After you retire, do you still need financial planning? And can you afford it?
The answer to the first question is clearly “yes.” The answer to the second is “It depends.” At times it’s true that a financial planner becomes unaffordable in retirement. This is especially likely to be true if you have under $100,000 in retirement savings, you don’t own real estate other than your home, and your primary income is Social Security.
Ironically, if you have a fee-only financial planner who is your advocate, chances are when you retire and no longer can afford them that they will tell you to fire them before you do. I’ve done this with several clients. If you aren’t sure you can afford continued financial planning, the best thing to do is raise the question with your planner. As a fiduciary, they are obliged to put your interests first even to the point of recommending their own firing.
Yet even when their financial plans can fully fund ongoing advice and support, some retirees succumb to a fear-based money script that ongoing advice is too expensive. They make an emotional decision that they can’t afford financial planning once they no longer have earned income. Cutting this particular expense is especially ironic, considering that many advisors will include the cost of ongoing investment and financial planning advice in their retirement income projections.

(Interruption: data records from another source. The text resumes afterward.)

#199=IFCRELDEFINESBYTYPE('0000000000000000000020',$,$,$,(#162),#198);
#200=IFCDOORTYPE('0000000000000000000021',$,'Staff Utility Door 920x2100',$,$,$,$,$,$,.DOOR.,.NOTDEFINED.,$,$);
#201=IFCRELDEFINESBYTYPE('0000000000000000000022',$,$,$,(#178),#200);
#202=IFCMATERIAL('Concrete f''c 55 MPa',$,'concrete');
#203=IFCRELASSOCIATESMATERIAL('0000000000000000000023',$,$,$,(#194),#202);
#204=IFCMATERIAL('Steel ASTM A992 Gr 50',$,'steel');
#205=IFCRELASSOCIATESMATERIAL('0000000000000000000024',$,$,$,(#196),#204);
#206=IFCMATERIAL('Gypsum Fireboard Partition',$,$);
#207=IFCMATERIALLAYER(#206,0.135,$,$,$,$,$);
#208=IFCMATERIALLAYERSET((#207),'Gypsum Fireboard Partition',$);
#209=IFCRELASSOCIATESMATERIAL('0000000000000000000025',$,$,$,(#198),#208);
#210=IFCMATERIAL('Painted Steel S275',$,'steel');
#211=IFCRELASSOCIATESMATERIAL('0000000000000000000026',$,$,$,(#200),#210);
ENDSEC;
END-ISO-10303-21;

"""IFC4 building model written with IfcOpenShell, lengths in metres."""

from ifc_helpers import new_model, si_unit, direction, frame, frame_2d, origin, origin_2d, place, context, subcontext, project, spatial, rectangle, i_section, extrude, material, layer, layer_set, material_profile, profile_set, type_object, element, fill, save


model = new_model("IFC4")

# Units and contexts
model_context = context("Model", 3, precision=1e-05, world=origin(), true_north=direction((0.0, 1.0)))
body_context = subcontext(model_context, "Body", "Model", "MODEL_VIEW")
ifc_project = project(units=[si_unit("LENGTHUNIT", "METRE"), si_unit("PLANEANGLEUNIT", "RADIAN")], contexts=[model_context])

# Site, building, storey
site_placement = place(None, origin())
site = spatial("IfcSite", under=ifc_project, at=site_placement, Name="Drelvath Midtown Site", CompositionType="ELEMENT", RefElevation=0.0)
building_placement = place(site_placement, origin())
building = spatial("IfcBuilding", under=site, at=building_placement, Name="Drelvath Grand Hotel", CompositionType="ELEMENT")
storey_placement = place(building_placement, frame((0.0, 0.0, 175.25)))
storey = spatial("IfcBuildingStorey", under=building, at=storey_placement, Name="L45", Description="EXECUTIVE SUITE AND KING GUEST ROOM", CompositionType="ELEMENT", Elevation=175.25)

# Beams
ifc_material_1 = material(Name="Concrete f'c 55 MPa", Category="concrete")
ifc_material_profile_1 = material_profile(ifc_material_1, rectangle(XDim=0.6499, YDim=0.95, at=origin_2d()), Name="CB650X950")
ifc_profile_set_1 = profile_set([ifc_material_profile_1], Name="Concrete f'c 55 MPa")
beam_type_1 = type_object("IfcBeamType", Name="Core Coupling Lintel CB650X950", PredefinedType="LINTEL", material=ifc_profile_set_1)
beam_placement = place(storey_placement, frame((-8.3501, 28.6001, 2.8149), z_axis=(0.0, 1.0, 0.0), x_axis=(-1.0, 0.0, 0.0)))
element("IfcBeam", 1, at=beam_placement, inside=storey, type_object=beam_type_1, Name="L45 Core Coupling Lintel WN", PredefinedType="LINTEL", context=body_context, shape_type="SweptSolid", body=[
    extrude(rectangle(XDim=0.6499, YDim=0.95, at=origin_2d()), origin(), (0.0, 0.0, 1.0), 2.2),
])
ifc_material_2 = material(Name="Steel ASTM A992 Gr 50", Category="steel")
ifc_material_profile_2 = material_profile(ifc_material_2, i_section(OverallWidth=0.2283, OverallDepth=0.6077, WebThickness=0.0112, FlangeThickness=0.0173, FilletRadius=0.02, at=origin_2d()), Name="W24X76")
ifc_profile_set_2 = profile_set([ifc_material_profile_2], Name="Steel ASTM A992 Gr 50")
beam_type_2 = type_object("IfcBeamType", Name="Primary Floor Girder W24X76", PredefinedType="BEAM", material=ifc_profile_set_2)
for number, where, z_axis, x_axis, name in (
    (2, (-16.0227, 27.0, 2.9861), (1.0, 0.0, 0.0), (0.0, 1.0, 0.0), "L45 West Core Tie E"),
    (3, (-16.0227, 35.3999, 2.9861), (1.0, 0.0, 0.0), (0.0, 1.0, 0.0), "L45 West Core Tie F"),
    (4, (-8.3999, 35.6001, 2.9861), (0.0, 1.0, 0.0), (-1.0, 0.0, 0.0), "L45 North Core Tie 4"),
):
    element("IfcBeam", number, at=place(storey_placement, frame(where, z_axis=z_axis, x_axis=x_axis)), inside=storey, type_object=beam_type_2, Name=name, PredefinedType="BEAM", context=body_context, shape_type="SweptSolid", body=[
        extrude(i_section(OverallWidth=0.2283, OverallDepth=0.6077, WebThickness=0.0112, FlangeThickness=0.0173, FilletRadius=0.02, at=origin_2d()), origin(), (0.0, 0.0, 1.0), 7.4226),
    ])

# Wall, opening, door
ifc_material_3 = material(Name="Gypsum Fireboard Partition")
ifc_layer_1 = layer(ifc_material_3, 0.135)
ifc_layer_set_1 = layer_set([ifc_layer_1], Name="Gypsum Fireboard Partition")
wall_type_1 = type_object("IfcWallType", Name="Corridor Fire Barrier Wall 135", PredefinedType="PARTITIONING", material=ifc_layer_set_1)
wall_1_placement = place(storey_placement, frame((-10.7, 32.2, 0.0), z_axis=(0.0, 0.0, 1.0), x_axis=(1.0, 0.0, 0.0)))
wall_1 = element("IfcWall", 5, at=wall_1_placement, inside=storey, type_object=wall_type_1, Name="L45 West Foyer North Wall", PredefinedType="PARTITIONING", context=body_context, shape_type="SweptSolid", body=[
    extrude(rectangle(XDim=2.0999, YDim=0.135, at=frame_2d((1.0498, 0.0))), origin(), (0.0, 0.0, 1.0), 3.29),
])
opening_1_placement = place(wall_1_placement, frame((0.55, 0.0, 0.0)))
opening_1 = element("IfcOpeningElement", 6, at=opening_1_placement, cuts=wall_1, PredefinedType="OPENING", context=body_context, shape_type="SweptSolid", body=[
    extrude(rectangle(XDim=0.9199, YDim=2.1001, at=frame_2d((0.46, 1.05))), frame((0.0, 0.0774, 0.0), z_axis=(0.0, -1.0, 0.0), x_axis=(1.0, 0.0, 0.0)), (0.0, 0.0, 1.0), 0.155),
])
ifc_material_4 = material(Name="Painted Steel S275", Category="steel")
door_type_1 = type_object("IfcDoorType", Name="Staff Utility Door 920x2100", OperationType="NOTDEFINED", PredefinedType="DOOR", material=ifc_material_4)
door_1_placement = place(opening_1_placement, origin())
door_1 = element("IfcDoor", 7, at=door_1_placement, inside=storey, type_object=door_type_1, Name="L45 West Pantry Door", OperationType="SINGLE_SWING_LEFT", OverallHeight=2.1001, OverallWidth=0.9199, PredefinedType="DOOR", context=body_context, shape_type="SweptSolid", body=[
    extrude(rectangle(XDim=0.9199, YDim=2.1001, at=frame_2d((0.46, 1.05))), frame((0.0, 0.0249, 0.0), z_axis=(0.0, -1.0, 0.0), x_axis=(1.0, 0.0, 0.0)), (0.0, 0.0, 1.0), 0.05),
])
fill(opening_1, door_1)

In many ways, the transition from employment to retirement is a time when financial planning can be most valuable. Going from accumulating money to consuming it requires a lot of critical financial decisions in your tax planning, income planning, estate planning, health care, investments, and Social Security. In addition to the financial complexities, most of these decisions have a large emotional component which presents challenges that are hard to see and resolve without professional guidance.
Like all professional services, financial guidance isn’t free. You can elect to do it yourself after you retire. You can also end up costing yourself far more in financial missteps than you save in planning fees. The intangible benefits that a planner provides can save you from making costly mistakes.
It’s a myth that finances get easier in retirement. In many ways they become more complicated. It’s all too easy for anyone to make the wrong financial decisions when going it alone. As we age, the possibility of declining cognitive abilities puts us even more at risk for financial mistakes. Like planning for retirement, planning in retirement is a dynamic process that never ends.
Retirement is similar to traveling to a foreign country that you’ve never visited. It takes a lot of time, research, and planning to prepare for the journey. Once you reach your destination, you’re more likely to get the most out of the experience if you have a guide. Someone who knows the landscape, the language, the places to visit, and the places to avoid can be an invaluable resource.
It would make no sense to invest $20,000 into a jungle safari, only to decide on the day you enter the jungle that you need to fire your guide because you can’t afford their $1,000 fee. While you might “save” that $1,000, you may end up spending thousands more and missing out on many of the trip’s most memorable experiences because of your incomplete knowledge.
Retirement is one of the most significant life transitions you will go through. It impacts every aspect of your well-being: emotional, physical, and financial. Having a trusted guide to help negotiate the overwhelming number of details that need to be dealt with can be essential. There is great value in knowing a trusted financial advisor has your back.